22 - 34$ a fixture depending on length, I don't think I spent more than 120$ for the entire kitchen's worth including wiring interconnects that include a switch mounted under cabinet as well so I can limit which segments are on if desired. Rarely do I put on the overhead pot lights. 

Now if I could have bought something driven by LEDs that gave off a similar quality of light for the same or not too much more, I certainly would have looked at it but after touring a couple local wholesalers, didn't see anything that turned my crank.


----------



## PapaLumen (Oct 8, 2010)

It will happen, slowly but surely. Just think of all those 400-1000w street lights burning away, traffic lights etc. As these led's get brighter and more efficient we will see them used more and more.

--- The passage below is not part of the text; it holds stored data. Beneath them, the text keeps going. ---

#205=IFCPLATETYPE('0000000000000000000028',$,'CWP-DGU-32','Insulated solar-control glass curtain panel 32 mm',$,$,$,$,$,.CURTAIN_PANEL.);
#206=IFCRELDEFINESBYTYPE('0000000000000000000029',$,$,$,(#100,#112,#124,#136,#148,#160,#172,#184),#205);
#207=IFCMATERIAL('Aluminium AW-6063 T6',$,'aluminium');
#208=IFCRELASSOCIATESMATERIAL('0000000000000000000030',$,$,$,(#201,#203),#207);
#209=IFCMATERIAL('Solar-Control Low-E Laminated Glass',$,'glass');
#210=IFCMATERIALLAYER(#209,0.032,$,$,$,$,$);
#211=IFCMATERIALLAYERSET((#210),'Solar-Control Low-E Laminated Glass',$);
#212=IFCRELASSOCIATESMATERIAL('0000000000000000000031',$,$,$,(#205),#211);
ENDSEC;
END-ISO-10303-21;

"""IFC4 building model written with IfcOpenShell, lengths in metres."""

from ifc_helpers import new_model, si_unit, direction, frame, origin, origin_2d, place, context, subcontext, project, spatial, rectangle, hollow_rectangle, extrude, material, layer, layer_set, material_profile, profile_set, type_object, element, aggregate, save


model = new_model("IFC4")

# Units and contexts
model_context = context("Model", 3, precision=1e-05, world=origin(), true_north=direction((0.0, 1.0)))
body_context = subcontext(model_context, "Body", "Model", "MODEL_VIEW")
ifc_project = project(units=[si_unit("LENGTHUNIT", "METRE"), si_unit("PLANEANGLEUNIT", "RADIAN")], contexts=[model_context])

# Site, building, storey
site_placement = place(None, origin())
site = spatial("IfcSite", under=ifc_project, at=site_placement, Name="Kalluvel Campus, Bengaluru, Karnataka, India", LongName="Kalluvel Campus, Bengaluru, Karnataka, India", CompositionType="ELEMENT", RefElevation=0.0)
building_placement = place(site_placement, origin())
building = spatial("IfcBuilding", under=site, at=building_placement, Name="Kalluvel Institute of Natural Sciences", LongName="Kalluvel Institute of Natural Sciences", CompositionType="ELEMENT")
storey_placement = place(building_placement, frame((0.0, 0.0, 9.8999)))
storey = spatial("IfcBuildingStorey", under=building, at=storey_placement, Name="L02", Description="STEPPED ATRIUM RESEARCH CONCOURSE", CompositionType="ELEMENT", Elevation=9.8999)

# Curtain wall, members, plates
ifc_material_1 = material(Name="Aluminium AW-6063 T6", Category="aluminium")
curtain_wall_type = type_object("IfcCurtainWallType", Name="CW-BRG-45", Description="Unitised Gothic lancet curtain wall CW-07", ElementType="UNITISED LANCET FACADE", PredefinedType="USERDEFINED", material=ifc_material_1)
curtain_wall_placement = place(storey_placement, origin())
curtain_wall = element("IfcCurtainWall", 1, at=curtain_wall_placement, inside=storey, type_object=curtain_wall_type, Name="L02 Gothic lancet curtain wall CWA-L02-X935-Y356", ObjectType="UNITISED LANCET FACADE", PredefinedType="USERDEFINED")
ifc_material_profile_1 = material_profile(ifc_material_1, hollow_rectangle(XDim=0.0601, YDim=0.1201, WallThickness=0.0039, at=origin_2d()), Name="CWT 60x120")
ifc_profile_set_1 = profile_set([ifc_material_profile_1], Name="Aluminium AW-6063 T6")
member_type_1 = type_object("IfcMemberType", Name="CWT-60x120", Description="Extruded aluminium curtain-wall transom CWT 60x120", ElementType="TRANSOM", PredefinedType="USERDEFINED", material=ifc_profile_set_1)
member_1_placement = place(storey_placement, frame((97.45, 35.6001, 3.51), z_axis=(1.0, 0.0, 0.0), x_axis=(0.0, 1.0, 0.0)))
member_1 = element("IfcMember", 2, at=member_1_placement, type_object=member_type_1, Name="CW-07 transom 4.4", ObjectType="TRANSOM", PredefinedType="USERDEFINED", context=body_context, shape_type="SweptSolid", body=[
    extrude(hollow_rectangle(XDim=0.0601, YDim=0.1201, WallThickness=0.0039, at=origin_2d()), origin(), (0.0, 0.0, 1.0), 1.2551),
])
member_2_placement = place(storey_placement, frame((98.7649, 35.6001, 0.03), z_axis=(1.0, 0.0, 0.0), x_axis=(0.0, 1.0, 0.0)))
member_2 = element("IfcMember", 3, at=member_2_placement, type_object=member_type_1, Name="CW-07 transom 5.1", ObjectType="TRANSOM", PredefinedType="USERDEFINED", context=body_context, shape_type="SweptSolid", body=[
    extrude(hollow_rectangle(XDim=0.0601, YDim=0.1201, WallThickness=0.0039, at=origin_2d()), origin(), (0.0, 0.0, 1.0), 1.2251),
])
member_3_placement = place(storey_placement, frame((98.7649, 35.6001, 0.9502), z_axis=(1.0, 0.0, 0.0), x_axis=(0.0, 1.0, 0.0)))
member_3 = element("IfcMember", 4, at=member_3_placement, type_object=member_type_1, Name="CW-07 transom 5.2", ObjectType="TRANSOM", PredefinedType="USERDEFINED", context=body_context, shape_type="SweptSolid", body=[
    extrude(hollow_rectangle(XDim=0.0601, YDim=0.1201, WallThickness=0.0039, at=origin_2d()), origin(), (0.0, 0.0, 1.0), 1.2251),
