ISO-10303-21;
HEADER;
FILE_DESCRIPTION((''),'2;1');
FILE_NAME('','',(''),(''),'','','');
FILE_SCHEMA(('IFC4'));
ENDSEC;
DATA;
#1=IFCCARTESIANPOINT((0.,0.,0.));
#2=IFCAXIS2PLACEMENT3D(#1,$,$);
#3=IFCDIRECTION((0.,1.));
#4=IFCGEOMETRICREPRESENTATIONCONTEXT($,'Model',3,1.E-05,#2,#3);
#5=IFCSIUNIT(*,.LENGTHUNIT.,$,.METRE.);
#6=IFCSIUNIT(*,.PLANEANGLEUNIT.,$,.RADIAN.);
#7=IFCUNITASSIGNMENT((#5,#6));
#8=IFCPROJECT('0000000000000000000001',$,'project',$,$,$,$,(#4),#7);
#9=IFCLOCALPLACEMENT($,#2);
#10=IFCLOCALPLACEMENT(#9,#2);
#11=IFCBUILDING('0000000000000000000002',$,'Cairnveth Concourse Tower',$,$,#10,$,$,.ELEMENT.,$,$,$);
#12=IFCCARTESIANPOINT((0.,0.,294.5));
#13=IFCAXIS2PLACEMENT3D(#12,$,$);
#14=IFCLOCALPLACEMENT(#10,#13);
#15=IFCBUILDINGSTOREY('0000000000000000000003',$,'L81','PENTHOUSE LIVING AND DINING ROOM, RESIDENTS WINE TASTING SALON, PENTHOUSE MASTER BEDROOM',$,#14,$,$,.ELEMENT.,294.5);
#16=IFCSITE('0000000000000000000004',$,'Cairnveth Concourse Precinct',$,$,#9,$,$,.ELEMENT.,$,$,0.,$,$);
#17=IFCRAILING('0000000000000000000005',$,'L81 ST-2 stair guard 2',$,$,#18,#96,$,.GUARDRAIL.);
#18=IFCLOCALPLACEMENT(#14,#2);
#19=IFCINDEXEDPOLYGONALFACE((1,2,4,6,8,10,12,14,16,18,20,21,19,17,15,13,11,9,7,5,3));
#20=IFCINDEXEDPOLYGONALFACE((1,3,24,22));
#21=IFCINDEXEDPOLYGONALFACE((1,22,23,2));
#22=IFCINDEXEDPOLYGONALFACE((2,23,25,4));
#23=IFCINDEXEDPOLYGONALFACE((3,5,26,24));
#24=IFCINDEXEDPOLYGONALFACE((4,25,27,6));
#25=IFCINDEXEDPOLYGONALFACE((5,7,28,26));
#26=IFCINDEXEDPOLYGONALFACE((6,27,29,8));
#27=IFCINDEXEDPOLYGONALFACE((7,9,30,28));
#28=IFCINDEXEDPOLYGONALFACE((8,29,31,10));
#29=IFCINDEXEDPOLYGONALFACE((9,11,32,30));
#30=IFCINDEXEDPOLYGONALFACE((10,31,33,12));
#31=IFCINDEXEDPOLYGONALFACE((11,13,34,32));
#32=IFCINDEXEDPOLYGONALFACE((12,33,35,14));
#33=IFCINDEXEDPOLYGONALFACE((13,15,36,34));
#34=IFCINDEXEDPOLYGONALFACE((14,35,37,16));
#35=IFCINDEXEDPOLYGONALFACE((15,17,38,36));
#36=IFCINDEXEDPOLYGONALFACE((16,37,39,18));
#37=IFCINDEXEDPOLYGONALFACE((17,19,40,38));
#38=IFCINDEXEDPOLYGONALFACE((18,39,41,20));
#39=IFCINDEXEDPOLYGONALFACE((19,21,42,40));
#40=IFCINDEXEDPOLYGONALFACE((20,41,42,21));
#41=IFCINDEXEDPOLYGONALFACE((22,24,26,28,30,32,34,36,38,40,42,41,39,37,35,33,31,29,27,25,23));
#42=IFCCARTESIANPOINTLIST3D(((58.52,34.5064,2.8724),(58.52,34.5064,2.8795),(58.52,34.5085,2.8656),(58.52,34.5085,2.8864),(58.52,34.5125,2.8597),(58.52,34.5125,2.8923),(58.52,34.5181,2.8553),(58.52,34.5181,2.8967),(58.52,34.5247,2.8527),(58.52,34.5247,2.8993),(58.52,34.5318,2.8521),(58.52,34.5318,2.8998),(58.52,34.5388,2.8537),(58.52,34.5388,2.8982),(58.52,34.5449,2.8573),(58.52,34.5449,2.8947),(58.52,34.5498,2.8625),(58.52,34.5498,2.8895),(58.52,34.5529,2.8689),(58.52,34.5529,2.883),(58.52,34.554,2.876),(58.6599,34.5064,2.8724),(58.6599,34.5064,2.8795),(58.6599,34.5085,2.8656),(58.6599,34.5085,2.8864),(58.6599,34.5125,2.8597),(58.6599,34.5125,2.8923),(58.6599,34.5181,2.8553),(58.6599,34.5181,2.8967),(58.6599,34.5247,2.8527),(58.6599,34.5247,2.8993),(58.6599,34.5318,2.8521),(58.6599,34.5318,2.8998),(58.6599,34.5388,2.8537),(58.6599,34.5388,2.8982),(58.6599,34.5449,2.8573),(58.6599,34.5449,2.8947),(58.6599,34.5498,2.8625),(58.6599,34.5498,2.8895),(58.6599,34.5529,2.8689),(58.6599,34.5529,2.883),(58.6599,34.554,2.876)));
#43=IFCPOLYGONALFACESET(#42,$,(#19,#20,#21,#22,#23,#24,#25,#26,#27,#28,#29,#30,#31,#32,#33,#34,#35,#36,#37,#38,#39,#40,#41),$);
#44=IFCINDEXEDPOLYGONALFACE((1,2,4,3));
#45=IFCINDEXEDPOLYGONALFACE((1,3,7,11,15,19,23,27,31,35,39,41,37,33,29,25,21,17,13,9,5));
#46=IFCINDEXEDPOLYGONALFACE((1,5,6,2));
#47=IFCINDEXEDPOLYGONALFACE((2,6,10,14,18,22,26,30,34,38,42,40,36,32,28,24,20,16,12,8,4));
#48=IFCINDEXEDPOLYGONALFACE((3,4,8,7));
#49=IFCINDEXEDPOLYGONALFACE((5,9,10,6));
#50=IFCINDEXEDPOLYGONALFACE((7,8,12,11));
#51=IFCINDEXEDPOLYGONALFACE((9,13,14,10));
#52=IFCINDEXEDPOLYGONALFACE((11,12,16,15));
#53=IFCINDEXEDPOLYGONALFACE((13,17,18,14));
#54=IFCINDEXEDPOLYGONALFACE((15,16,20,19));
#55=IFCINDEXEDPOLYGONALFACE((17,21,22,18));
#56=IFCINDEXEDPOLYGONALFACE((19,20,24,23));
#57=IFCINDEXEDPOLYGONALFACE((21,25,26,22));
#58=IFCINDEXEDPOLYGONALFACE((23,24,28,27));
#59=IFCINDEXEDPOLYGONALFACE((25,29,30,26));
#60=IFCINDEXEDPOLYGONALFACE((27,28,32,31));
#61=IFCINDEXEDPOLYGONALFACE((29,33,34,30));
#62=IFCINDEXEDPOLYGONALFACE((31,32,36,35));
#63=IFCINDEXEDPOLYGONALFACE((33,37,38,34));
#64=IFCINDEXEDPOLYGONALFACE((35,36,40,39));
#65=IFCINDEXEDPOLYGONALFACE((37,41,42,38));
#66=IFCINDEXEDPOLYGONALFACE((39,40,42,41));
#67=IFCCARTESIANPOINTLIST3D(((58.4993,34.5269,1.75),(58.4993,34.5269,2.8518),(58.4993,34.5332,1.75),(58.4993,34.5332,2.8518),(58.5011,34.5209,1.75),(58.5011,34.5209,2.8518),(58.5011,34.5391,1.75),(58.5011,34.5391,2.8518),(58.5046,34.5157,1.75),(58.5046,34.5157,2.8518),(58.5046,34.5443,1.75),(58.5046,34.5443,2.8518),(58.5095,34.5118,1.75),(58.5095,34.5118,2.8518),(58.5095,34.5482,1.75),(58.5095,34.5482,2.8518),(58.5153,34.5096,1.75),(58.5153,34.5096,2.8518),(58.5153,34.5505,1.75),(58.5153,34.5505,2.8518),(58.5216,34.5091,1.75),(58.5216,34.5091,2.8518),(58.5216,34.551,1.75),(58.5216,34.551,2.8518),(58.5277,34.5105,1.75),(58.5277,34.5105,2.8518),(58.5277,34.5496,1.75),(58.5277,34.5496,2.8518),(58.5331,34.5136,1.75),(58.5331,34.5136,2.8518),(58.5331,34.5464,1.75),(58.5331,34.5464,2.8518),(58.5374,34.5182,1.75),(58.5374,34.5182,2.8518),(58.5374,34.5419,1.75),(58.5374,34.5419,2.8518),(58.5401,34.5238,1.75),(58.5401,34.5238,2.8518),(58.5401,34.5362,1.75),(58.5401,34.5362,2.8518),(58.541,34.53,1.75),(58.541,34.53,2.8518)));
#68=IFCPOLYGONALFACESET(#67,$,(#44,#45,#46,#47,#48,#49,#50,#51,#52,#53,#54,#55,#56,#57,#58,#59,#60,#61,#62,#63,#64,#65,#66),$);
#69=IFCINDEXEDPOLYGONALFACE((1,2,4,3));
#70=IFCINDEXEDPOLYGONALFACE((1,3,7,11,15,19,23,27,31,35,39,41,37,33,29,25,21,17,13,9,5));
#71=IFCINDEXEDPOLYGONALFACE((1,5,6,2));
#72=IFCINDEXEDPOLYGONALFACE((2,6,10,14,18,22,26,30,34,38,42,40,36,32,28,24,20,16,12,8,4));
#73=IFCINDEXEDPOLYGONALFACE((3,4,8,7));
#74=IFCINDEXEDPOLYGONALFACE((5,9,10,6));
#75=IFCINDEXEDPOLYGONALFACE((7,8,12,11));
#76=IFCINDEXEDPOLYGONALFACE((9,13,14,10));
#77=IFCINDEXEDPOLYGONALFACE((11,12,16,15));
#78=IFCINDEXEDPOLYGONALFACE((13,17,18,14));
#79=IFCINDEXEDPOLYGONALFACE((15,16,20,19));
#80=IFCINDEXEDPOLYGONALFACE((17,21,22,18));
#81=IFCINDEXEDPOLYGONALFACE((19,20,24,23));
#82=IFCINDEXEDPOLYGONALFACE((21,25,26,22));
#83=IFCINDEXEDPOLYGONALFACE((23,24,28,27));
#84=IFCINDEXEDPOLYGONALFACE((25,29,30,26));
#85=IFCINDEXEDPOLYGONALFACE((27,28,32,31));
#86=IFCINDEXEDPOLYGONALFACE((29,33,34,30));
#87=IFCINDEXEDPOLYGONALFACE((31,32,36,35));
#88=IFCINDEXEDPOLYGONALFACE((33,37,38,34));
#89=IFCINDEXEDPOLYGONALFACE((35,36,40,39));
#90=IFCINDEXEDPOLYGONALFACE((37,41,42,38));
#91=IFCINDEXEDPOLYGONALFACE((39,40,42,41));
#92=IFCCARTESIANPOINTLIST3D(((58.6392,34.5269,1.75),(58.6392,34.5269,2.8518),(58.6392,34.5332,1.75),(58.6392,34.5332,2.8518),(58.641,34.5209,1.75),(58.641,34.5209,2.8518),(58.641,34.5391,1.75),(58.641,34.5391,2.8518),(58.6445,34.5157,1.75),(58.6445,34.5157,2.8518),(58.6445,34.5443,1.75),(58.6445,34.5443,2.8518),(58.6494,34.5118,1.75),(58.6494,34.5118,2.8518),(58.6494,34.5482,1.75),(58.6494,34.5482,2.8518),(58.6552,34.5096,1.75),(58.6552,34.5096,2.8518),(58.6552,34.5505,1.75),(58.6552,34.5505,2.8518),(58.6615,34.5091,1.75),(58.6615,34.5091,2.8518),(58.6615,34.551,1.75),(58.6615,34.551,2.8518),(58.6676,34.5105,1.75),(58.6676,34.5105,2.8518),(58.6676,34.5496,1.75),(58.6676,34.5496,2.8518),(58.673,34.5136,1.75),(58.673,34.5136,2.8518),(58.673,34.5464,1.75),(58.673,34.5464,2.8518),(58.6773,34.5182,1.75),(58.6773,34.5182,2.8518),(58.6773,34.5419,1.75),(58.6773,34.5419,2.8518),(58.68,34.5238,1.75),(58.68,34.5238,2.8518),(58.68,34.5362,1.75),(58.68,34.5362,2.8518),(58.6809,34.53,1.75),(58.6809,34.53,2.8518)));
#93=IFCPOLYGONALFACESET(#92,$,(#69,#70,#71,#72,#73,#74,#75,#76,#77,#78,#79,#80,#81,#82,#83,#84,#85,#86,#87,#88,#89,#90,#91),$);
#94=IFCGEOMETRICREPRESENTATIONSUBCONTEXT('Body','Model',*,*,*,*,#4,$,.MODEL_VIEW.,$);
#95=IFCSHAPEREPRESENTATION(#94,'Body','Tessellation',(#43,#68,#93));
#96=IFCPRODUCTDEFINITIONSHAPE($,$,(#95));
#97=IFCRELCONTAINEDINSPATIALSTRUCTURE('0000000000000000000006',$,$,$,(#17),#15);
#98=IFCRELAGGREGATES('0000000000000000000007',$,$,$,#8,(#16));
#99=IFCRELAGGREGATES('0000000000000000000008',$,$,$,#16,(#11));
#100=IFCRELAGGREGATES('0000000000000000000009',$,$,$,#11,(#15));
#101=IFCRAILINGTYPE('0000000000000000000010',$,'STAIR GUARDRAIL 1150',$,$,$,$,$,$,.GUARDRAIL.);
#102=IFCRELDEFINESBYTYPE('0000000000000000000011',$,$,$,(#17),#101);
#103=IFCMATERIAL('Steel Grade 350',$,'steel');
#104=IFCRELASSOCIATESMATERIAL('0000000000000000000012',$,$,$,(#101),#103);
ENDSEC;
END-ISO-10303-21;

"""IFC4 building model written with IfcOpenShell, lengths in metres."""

from ifc_helpers import new_model, si_unit, direction, frame, origin, origin_2d, place, context, subcontext, project, spatial, circle, extrude, material, type_object, element, save


model = new_model("IFC4")

# Units and contexts
model_context = context("Model", 3, precision=1e-05, world=origin(), true_north=direction((0.0, 1.0)))
body_context = subcontext(model_context, "Body", "Model", "MODEL_VIEW")
ifc_project = project(units=[si_unit("LENGTHUNIT", "METRE"), si_unit("PLANEANGLEUNIT", "RADIAN")], contexts=[model_context])

# Site, building, storey
site_placement = place(None, origin())
site = spatial("IfcSite", under=ifc_project, at=site_placement, Name="Cairnveth Concourse Precinct", CompositionType="ELEMENT", RefElevation=0.0)
building_placement = place(site_placement, origin())
building = spatial("IfcBuilding", under=site, at=building_placement, Name="Cairnveth Concourse Tower", CompositionType="ELEMENT")
storey_placement = place(building_placement, frame((0.0, 0.0, 294.5)))
storey = spatial("IfcBuildingStorey", under=building, at=storey_placement, Name="L81", Description="PENTHOUSE LIVING AND DINING ROOM, RESIDENTS WINE TASTING SALON, PENTHOUSE MASTER BEDROOM", CompositionType="ELEMENT", Elevation=294.5)

# Shared definitions
ifc_material_1 = material(Name="Steel Grade 350", Category="steel")

# Railing
railing_type = type_object("IfcRailingType", Name="STAIR GUARDRAIL 1150", PredefinedType="GUARDRAIL", material=ifc_material_1)
railing_placement = place(storey_placement, frame((58.52, 34.53, 1.75)))
element("IfcRailing", 1, at=railing_placement, inside=storey, type_object=railing_type, Name="L81 ST-2 stair guard 2", PredefinedType="GUARDRAIL", context=body_context, shape_type="SweptSolid", body=[
    extrude(circle(Radius=0.0239, at=origin_2d()), frame((0.0, 0.0, 1.126), z_axis=(1.0, 0.0, 0.0), x_axis=(0.0, 1.0, 0.0)), (0.0, 0.0, 1.0), 0.1399),
    extrude(circle(Radius=0.021, at=origin_2d()), origin(), (0.0, 0.0, 1.0), 1.1018),
    extrude(circle(Radius=0.021, at=origin_2d()), frame((0.1399, 0.0, 0.0)), (0.0, 0.0, 1.0), 1.1018),
])

save(model, "model.ifc")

I think within 5 years a lot more household lighting will be led.


----------



## AnAppleSnail (Oct 8, 2010)

LED is still about even with fluorescent and HPS - but much more expensive currently. Sure you can get a Cree to 130 lm/watt, but only with huuuuuuge metal heatsinks.


----------



## Ra (Oct 8, 2010)

AnAppleSnail said:


> Sure you can get a Cree to 130 lm/watt, but only with huuuuuuge metal heatsinks.



Sorry, but I think you're not quite correct: When you need to use huuuuuge metal heatsinks, it's obvious that you want to push the led's hard.. 
Well, most of us know that when you push led's to their (electrical) limits, efficiency will drop dramatically !!


Regards,

Ra.


----------



## Kinnza (Oct 10, 2010)

As LED lamps goes dropping price and increasing reliability, probably all the people will use them. I believe that on 5 years or so, probably is going to be difficult to find anything else on normal stores.

But for the moment, on the market for fixed lighting there is only very pricey good LED products (little) and a lot of very little reliable lamps.

Probably with the efficiency levels reached along this year, next year LED lamps using top brand LEDs will have way more easy to have good reliabily due the strongly reduced heat load. I would bet that along the next year we are going to have more reliable options for fixed lighting. Maybe still paying too much for the expected savings on electrical bills, but at least viable options. There is nothing more dissapointing that investing a lot on a new lamp and that it fails within the first year of use (or exhibit a huge,noticiable, drop in light output) as happen with many lamps currently.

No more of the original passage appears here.